Point-in-Time Recovery
Restore a Backup in Quick Start performed default recovery, which is to play all the way to the end of the WAL stream. In the case of a hardware failure this is usually the best choice but for data corruption scenarios (whether machine or human in origin) Point-in-Time Recovery (PITR) is often more appropriate.
Point-in-Time Recovery (PITR) allows the WAL to be played from a backup to a specified lsn, time, transaction id, or recovery point. For common recovery scenarios time-based recovery is arguably the most useful. A typical recovery scenario is to restore a table that was accidentally dropped or data that was accidentally deleted. Recovering a dropped table is more dramatic so that's the example given here but deleted data would be recovered in exactly the same way.
Create a table with very important data
psql -c "begin;
create table important_table (message text);
insert into important_table values ('Important Data');
commit;
select * from important_table;"
It is important to represent the time as reckoned by PostgreSQL and to include timezone offsets. This reduces the possibility of unintended timezone conversions and an unexpected recovery result.
Get the time from
psql -Atc "select current_timestamp"
Now that the time has been recorded the table is dropped. In practice finding the exact time that the table was dropped is a lot harder than in this example. It may not be possible to find the exact time, but some forensic work should be able to get you close.
Drop the important table
psql -c "begin;
drop table important_table;
commit;
select * from important_table;"
If the wrong backup is selected for restore then recovery to the required time target will fail. To demonstrate this a new incremental backup is performed where important_table does not exist.
Perform an incremental backup
pgbackrest --stanza=demo --type=incr backup
pgbackrest info
It will not be possible to recover the lost table from this backup since PostgreSQL can only play forward, not backward.
Attempt recovery from an incorrect backup
pg_ctlcluster 17 demo stop
pgbackrest --stanza=demo --delta
--set=<backup-last> --target-timeline=current
--type=time "--target=<time-recovery-timestamp>" --target-action=promote restore
pg_ctlcluster 17 demo start
pg_ctlcluster 17 demo start
cat /var/log/postgresql/postgresql-17-demo.log
pg_ctlcluster 17 demo start
psql -c "select * from important_table"
Looking at the log output it's not obvious that recovery failed to restore the table. The key is to look for the presence of the "recovery stopping before..." and "last completed transaction..." log messages. If they are not present then the recovery to the specified point-in-time was not successful.

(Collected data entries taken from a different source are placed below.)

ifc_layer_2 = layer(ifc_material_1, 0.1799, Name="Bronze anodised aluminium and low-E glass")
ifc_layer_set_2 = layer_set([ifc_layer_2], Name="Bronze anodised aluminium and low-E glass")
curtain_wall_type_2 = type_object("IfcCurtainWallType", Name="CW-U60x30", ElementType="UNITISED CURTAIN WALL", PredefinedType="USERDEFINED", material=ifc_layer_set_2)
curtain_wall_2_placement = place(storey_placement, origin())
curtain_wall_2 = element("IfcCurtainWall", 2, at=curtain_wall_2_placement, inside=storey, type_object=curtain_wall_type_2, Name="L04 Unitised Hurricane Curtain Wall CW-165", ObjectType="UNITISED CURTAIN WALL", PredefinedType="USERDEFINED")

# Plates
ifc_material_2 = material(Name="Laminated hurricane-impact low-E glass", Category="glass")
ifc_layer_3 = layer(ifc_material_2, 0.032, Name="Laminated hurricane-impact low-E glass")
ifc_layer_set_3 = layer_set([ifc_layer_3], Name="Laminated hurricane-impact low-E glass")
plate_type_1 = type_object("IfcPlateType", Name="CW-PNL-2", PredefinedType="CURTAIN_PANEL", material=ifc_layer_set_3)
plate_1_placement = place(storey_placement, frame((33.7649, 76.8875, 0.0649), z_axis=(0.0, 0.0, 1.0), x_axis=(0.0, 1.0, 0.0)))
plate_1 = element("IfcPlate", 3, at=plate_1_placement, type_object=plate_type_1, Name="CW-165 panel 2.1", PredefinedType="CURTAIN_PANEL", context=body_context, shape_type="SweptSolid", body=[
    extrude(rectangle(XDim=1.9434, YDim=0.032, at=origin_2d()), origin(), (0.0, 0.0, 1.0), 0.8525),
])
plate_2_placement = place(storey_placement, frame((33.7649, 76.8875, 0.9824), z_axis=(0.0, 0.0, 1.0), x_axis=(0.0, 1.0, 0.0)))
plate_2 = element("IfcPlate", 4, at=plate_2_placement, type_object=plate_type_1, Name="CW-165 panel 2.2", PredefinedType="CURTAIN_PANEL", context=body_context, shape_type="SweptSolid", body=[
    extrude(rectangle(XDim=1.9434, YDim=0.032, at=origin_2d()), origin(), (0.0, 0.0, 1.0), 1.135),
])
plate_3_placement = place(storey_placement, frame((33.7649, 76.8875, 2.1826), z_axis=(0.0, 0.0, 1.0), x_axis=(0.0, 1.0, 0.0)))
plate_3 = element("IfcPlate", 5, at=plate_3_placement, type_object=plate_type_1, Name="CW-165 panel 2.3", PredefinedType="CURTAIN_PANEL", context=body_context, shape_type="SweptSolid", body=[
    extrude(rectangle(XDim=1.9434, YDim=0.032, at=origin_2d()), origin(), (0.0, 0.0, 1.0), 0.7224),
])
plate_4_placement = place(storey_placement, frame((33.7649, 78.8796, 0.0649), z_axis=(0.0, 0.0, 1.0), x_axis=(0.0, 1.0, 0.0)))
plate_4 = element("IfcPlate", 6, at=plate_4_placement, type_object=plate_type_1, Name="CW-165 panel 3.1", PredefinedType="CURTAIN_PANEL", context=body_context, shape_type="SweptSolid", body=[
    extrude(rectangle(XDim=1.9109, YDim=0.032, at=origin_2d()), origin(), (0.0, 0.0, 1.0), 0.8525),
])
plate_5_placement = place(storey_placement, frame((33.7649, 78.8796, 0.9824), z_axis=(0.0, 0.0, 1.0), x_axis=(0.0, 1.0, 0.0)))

Examine the log output to discover the recovery was not successful
cat /var/log/postgresql/postgresql-17-demo.log
A reliable method is to allow pgBackRest to automatically select a backup capable of recovery to the time target, i.e. a backup that ended before the specified time.
Note
pgBackRest cannot automatically select a backup when the restore type is xid or name.
Restore the demo cluster to
pg_ctlcluster 17 demo stop
pgbackrest --stanza=demo --delta
--type=time "--target=<time-recovery-timestamp>"
--target-action=promote restore
cat /var/lib/postgresql/17/demo/postgresql.auto.conf
pgBackRest has generated the recovery settings in postgresql.auto.conf so PostgreSQL can be started immediately. %f is how PostgreSQL specifies the WAL segment it needs and %p is the location where it should be copied. Once PostgreSQL has finished recovery the table will exist again and can be queried.
Start and check that the important table exists
pg_ctlcluster 17 demo start
psql -c "select * from important_table"
The PostgreSQL log also contains valuable information. It will indicate the time and transaction where the recovery stopped and also give the time of the last transaction to be applied.